Stephen Hales

(1677 - 1761)

The Reverend Stephan Hales (1677–1746) was from a distinguished Kentish family. He entered Bene't College (which later became Corpus Christi College) in 1696. As an ordinand he studied theology primarily but was also tutored in classics, mathematics, science and philosophy. He became a fellow of the college in 1703 and, in the same year, befriended William Stuckley who had just arrived as an undergraduate to study medicine. Together they developed an interest in experimental biology and anatomy that remained with Hales throughout his life. In 1709 Hales was appointed Perpetual Curate of the parish of Teddington in Middlesex, a post that he retained until his death 52 years later.

Hales was assiduous in his pastorial duties, expending much of his energy on the relief of paupers in his village. Teddington at the time was a rural village and Hales developed an understanding with his parishoners that they should inform them whenever they were about to put down an animal so that he could use it in his studies. He was a friend of Alexander Pope who lived briefly in Teddington and was appalled by is vivisections. His experiments were frequently a part of the gossip of his neighbours and were referred to in a poem entitled The Boat by the Rev. Thomas Twining:

Green Teddington's serene retreat
For Philosophic studies meet,
Where the good Pastor Stephen Hales
Weighed moisture in a pair of scales,
To lingering death put Mares and Dogs,
And stripped the Skins from living Frogs,
Nature, he loved, her Works intent
To search or sometimes to torment.

Hales' experiments were better received by the Royal Society where he attended his first meeting in 1717. He was elected a Fellow the following year having been proposed by his old friend William Stuckley. In 17330, a collection of his papers were published by the Royal Society entitled Statical Essays: containing Haemastaticks; or An Account of some Hydraulick and Hydrostatical Experiments mad on the Blood and Blood-Vessels of Animals, also An Account of some Experiments on Stones in the Kidneys and Bladder, with an Enquiry into the Natue of those anomalous Concretions. This book appeared twenty-two years after his first experiment measuring blood pressure.

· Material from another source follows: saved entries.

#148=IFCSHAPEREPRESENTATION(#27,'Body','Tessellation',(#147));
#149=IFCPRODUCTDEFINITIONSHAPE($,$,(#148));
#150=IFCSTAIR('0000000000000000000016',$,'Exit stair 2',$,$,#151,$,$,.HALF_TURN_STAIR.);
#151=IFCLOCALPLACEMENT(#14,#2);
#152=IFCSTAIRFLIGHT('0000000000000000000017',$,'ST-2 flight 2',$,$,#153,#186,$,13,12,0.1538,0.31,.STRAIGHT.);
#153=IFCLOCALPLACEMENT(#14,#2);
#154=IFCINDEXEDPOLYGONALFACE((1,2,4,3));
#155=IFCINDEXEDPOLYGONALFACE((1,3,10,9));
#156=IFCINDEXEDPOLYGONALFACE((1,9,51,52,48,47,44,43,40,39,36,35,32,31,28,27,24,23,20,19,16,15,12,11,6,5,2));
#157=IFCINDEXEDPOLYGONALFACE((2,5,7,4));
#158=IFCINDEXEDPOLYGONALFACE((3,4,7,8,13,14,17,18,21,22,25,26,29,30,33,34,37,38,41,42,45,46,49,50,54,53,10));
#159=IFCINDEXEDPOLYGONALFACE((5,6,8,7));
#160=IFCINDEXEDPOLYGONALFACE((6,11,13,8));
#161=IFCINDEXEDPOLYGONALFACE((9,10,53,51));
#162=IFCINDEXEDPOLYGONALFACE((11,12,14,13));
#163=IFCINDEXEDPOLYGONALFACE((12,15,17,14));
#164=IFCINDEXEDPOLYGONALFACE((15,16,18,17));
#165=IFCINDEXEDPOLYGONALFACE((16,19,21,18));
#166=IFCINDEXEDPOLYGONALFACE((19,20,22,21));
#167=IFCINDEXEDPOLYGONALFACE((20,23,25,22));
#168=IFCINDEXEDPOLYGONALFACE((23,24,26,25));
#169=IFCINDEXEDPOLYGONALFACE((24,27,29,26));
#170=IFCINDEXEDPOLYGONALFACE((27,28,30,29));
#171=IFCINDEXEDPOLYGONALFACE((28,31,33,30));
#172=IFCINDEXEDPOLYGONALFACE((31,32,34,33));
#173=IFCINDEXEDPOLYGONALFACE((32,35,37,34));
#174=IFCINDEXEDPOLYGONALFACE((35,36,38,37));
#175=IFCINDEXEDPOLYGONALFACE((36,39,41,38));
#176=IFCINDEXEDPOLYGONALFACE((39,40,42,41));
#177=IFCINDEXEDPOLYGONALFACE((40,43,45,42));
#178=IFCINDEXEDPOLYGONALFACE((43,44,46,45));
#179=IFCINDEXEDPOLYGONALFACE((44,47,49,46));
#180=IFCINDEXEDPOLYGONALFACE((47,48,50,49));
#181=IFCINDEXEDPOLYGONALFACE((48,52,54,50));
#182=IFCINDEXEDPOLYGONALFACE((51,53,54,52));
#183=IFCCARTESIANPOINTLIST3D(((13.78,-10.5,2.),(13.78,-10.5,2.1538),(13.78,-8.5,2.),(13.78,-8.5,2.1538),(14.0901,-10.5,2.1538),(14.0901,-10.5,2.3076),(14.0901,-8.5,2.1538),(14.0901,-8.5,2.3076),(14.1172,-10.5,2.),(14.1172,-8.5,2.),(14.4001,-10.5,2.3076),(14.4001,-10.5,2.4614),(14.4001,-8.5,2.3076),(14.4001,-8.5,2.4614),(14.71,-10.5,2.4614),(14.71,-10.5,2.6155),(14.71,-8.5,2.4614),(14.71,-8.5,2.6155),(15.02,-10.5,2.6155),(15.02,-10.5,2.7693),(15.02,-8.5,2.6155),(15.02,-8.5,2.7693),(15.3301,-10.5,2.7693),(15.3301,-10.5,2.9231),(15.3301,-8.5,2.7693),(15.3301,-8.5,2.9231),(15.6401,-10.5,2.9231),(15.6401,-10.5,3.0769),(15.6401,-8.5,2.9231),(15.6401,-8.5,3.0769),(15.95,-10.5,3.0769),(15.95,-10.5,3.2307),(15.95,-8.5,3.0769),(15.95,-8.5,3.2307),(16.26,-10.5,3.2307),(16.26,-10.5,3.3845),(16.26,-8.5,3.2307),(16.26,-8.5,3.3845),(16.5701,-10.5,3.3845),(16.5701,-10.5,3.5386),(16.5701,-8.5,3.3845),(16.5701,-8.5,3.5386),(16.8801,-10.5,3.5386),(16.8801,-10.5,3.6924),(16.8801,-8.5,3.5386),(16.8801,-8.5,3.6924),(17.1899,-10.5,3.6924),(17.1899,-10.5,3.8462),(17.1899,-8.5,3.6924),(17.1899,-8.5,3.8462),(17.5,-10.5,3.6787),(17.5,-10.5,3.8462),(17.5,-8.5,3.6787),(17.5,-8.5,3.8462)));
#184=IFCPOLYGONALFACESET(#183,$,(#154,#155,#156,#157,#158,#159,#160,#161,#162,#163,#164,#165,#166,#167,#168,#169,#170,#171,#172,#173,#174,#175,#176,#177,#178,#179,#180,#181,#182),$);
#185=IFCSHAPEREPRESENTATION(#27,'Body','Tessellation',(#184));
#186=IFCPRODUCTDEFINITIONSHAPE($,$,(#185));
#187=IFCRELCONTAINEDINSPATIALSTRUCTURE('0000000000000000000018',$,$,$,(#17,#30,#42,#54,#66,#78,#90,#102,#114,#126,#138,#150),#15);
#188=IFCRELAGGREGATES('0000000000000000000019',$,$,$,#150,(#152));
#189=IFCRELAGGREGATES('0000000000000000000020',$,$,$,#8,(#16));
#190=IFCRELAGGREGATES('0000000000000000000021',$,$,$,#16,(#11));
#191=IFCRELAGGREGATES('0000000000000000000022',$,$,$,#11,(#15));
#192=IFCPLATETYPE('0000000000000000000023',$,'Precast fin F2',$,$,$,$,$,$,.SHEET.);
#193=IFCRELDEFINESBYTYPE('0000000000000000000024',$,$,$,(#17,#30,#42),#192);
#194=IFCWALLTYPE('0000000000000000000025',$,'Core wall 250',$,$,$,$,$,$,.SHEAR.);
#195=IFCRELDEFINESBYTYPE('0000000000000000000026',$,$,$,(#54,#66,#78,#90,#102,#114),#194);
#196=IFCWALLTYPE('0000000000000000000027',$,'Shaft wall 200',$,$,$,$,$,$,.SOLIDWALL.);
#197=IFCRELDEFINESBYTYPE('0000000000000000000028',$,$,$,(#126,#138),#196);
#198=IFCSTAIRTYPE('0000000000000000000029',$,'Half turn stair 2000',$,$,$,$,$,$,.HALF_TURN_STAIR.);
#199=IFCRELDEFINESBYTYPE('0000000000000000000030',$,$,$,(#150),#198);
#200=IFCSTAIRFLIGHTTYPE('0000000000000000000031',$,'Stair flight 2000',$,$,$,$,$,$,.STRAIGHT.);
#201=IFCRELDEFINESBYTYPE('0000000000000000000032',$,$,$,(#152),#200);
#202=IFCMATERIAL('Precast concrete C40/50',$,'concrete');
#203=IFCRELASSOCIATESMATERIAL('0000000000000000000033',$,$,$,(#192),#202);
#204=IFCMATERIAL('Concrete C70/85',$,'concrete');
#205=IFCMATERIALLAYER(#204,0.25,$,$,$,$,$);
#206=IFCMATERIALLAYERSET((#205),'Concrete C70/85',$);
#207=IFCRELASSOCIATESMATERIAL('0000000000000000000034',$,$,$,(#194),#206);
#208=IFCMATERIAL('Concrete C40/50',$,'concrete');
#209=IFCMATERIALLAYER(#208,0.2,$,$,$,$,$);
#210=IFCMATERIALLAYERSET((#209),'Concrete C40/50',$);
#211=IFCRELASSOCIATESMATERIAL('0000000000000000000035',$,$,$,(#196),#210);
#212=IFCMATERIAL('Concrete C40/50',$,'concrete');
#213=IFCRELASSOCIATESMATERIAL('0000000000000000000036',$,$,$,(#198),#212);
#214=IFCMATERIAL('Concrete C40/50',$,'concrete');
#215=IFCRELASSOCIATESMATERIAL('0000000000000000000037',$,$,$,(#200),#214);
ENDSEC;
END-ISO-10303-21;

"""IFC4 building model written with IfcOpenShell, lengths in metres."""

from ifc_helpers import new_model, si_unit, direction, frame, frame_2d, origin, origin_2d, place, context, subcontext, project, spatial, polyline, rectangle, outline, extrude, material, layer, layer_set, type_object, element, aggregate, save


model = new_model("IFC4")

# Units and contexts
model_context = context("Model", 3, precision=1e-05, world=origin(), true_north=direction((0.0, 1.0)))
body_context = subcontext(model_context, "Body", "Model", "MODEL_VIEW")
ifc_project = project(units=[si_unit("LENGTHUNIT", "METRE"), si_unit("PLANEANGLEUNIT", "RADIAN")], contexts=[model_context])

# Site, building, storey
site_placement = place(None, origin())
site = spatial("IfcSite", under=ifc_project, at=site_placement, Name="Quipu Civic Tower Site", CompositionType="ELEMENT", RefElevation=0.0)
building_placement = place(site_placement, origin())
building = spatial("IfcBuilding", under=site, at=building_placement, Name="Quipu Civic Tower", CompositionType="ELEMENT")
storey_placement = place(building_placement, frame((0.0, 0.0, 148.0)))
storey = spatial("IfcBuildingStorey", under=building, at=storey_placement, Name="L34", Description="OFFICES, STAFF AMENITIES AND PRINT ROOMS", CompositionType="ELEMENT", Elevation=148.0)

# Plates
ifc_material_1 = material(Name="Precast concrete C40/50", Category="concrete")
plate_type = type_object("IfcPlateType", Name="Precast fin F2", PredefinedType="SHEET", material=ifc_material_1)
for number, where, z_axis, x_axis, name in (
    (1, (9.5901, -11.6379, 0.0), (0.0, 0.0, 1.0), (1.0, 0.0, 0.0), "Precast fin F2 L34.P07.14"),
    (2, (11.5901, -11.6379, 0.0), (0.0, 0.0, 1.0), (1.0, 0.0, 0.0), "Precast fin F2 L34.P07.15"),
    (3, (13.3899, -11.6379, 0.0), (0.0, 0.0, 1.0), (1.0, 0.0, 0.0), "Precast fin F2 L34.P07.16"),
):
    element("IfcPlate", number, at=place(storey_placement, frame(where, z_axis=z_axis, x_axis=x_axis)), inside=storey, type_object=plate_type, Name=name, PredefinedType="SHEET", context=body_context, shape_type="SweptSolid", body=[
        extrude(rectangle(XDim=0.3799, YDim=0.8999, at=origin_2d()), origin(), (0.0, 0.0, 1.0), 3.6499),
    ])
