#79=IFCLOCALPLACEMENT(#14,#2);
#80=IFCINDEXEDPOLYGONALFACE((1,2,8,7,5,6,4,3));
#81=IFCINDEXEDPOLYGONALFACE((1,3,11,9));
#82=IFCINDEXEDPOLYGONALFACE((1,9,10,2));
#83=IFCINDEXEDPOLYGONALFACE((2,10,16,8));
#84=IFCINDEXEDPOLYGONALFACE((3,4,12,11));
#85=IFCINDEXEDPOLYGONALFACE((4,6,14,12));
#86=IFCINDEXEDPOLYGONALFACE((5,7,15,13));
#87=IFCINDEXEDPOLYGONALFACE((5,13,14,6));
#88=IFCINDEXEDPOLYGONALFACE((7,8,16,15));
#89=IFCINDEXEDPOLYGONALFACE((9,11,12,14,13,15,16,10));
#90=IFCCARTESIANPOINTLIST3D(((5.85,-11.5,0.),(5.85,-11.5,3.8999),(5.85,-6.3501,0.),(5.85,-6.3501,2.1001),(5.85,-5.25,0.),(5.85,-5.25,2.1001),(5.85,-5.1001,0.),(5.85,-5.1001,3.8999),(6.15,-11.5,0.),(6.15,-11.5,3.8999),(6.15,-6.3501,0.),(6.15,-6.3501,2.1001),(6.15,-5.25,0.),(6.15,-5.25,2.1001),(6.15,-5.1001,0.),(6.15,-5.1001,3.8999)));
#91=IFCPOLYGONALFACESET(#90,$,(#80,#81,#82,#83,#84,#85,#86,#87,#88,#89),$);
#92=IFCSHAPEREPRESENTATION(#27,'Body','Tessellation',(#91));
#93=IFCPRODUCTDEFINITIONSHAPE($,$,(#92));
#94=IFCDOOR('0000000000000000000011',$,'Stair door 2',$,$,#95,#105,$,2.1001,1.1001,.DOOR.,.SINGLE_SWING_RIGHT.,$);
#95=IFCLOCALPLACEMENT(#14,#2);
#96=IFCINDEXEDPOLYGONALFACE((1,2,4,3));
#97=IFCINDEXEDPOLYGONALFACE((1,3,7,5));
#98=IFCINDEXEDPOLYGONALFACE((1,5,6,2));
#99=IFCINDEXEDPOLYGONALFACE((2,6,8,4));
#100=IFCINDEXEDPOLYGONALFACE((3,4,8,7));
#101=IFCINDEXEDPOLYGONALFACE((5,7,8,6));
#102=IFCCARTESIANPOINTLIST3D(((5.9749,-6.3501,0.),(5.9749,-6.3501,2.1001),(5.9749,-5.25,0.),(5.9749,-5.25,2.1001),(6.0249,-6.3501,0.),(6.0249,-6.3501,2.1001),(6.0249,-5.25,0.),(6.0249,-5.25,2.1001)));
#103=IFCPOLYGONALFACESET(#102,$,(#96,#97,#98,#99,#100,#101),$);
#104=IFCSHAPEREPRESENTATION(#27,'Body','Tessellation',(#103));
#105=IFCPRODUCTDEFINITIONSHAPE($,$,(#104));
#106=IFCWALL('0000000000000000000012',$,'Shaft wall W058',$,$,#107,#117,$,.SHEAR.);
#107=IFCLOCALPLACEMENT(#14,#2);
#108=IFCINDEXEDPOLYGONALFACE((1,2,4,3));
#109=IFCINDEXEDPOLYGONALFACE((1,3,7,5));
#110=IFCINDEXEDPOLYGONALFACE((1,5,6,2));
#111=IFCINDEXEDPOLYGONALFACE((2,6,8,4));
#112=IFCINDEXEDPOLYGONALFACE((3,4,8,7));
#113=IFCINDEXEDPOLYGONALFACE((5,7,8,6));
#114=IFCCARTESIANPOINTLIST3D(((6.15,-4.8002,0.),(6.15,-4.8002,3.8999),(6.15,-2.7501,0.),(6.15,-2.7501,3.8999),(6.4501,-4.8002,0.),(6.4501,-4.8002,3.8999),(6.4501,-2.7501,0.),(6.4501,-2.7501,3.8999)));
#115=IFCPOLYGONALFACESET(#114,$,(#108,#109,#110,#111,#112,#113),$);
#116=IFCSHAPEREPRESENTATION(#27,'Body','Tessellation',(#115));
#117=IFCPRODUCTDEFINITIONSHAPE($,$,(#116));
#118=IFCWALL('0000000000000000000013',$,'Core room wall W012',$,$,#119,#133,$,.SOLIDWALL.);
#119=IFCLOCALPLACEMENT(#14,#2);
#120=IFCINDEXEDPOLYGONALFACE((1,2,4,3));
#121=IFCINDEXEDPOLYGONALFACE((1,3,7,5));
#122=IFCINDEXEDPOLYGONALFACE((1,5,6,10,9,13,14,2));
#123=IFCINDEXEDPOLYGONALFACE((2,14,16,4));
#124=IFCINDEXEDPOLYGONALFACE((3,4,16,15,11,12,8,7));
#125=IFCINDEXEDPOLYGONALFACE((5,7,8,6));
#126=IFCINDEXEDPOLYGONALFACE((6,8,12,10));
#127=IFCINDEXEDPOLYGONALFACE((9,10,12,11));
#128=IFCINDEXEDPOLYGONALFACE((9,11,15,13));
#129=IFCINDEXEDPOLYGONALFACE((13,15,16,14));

Many of Hales' experiments concerned the cardiovascular system and he was the first person to accurately measure blood pressure in vivo in experiments on horses. In one experiment on a 10-year old mare he measured the venous and arterial pressure (using a goose wind pip as a catheter), cast the left ventricle with beeswax and commented on the effect of the compliance of the arteries on blood flow through the cappilaries.

In Experiment 3, he discusses the velocity at which blood is ejected from the heart of a 10-year-old mare and how it is altered by the elasticity of the arteries:

...the velocity of the blood during each systole will be thrice as much, viz. at the rate of 5204.7 feet, i.e. 0.98 of a mile in an hour or 86.7 feet in a minute [0.44 m/s]. Now this velocity is only the velocity of the blood at its first entering into the aorta, in the time of the systole; in consequence of which the blood in the arteries, being forcibly propelled forward, with an accelerated impetus, thereby dilates the canal of the arteries, which begin again to contract at the instant the systole ceases: by which curious artifice of nature, the blood is carried on in the finer capillaries, with an almost even tenor of velocity, in the same manner as the spouting water of some fire-engines, is contrived to flow with a more even velocity, notwithstanding the alternate systoles and diastoles of the rising and falling embolus or force; and this by the means of a large inverted globe, wherein the compressed air alternately dilating or contracting, in conformity to the workings to and fro of the embolus, and thereby impelling the water more equably than the embolus alone would do, pushes it out in a more nearly equal spout.

As we have seen, the idea of the cushioning effect of arterial compliance did not originate with Hales. Borelli discussed the phenomenon approximately 50 years earlier in his book De Motu Animalium and Hales would certainly have been familiar with Borelli's work. It was, however, the comparison of the effect in arteries to the effect of an air chamber in fire engine pumps that caught the eye of Otto Frank who described it as the Windkessel effect in 1899 ('Windkessel' is German for 'air chamber'). Because of Frank's work, the phenomenon is universally known as the Windkessel effect.